Imagínate la nada. Imagínate el todo. Uno no puede imaginarse completamente ni lo uno ni lo otro. Imagínate, entonces, una bola, una esfera de pura luz, de perfecta ar­monía, de energía pura. Imagina que eso es todo lo que existe. Es al mismo tiempo todo y nada. Debido a que es to­do, no puede existir ninguna otra cosa.

En la nada no existe el tiempo, ni la forma, ni el espacio, ni la distancia. Sólo existe el Ser. En el Ser no existe la expe­riencia, ni siquiera de sí mismo. Es decir que el Ser no puede experimentarse a sí mismo porque es todo lo que existe, y porque no hay nada que lo pueda reflejar, nada que lo pue­da describir. El Ser, Dios —si así desean llamarlo— se divi­dió en millones y miles de millones de partes de sí mismo, para experimentarse. Cada una de esas partes puede imagi­narse como una chispa, un holograma de la totalidad, que todo lo refleja y, sin embargo, se halla separada. Y en la se­paración el Ser puede experimentarse a sí mismo. Puede co­nocerse. Puede jugar un juego. El juego que concibió incluye a la Tierra. Comprende miríadas de otras realidades físicas y millones de miríadas de realidades no físicas (que según al­gunas doctrinas, con frecuencia se llaman Bardos), otros campos de conciencia, áreas de la creación que están más allá de los términos físicos normales.

Cada parte del Ser, cada una de estas chispas, eligió ca­minos y juegos para conocerse a sí misma. La Tierra es una manifestación. Es, en sí, una chispa. Tiene su propia concien­cia y su propia forma. Esto sucede con todos los planetas y con todas las realidades físicas. Esto sucede con Todo, ya que en última instancia, no existe nada más que el Ser.

Algunas de las chispas se manifestaron como almas hu­manas. Las almas humanas están ligadas al planeta Tierra. Tú, que estas leyendo este libro, te decidiste a manifestar tu propio ser como ser humano, como una forma humana que existe sobre el planeta Tierra. Elegiste venir aquí. Este es el lugar que elegiste para manifestarte y darte forma a través de tu propio juego. Tú generas esta realidad ahora.

En esta realidad hay muchos, muchos niveles de con­ciencia. Este libro debería ampliar tu conciencia a otro nivel, un nivel que va más allá de los que experimentas al leer es­tas palabras. Al final de este libro, esa conciencia (la concien­cia de tu propio ser) se habrá ampliado y comprenderá una manifestación multidimensional de lo que llamas Verdad o Realidad Superior.

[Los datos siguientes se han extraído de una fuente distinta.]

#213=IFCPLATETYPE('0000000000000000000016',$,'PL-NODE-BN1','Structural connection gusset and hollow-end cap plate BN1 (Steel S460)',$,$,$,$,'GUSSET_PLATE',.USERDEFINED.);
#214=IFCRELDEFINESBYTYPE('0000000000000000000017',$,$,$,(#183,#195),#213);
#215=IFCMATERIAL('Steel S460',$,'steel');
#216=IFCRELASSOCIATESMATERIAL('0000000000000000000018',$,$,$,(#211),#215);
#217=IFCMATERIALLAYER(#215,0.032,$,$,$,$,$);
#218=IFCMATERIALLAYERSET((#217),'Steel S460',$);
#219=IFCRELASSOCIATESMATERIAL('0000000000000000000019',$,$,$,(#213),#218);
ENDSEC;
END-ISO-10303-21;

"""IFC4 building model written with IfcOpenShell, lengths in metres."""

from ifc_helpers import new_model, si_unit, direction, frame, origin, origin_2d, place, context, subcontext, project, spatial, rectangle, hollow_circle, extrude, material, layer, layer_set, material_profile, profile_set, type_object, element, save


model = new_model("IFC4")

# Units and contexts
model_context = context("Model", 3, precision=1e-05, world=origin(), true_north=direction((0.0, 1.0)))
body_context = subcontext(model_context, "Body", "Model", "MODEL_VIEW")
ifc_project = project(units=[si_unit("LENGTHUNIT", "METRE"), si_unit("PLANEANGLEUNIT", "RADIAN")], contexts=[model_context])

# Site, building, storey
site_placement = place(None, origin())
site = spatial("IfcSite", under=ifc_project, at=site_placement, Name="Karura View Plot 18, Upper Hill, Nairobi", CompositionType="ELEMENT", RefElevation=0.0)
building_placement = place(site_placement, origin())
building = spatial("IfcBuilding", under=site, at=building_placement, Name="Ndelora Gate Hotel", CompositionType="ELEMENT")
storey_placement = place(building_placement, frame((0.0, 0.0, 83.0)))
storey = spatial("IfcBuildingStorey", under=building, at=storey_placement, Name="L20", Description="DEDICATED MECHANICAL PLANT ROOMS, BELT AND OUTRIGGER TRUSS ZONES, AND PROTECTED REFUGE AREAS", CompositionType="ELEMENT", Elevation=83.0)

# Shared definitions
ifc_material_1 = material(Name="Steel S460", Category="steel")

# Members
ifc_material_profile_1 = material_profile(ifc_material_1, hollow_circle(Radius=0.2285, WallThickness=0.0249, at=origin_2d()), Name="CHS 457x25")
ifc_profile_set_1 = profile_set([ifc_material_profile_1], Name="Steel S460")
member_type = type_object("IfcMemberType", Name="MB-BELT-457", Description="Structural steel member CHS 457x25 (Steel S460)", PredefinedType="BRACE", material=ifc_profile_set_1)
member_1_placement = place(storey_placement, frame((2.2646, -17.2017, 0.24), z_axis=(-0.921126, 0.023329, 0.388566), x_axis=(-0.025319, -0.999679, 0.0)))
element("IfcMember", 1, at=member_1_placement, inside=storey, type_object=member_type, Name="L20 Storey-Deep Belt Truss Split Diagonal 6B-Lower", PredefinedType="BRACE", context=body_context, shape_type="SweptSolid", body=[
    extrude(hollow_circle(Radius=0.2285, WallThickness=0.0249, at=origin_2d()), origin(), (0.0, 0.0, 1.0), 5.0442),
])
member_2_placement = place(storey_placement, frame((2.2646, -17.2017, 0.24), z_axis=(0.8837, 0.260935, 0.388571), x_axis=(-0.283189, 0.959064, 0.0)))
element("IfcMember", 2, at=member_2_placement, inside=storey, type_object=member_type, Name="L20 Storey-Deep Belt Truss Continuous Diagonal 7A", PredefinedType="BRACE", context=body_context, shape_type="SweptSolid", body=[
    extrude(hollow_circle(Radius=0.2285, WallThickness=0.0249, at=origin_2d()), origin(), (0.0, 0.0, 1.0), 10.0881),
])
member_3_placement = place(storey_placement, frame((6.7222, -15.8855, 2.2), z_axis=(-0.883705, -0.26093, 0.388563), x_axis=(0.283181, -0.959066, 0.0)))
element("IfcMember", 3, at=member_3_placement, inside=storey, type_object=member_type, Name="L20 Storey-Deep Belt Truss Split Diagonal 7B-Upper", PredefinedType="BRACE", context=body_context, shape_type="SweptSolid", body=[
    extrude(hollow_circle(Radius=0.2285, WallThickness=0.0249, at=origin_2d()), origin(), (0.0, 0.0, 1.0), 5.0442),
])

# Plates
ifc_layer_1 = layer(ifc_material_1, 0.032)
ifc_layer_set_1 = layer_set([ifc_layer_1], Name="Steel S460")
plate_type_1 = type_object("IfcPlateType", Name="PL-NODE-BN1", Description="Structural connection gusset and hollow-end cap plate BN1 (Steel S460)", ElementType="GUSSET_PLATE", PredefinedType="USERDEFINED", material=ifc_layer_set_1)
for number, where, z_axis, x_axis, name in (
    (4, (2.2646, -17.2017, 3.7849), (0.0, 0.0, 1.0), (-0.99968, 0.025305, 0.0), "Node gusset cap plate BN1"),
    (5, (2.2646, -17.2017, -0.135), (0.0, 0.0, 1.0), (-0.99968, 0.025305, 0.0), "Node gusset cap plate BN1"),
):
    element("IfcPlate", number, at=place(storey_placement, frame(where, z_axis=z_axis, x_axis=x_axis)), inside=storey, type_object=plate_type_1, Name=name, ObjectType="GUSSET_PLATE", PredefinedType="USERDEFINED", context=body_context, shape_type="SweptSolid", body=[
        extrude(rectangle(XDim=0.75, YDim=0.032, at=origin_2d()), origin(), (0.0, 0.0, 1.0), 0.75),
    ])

En el juego que eligieron los seres humanos, en su tiem­po hubo un lugar que se llamó Tierra. El tiempo, la distancia y la forma surgen y se relacionan todos con la experiencia humana sobre el planeta Tierra. Cada uno de los tres son vi­vidos, experimentados o vivenciados de manera única y particular por cada uno de los seres humanos. Es decir, que tu percepción de la realidad no puede jamás ser igual, o ma­nifestarse de la misma manera que la de otro ser. Esa es la alegría de las miríadas y miles de millones de chispas. Cada chispa refleja y complementa a las demás. Entonces, mien­tras tú puedes descubrir partes o aspectos de tu propia chis­pa —de tu propio Ser— en todas las demás manifestaciones físicas y quizás también en las no físicas, aquellas chispas, que tú defines como "no yo", en realidad son partes tuyas, que reflejan aspectos tuyos, que no podrías ver de ninguna

otra manera salvo a través de sus reflejos. Los reflejos (como los del espejo) completan tu conocimiento acerca de quién eres, y si los incorporas, eso implica una ampliación y un en­sanchamiento de tu ser, y así puedes manifestar más ínte­gramente y más completamente las miríadas de posibilida­des multidimensionales a las que tienes derecho.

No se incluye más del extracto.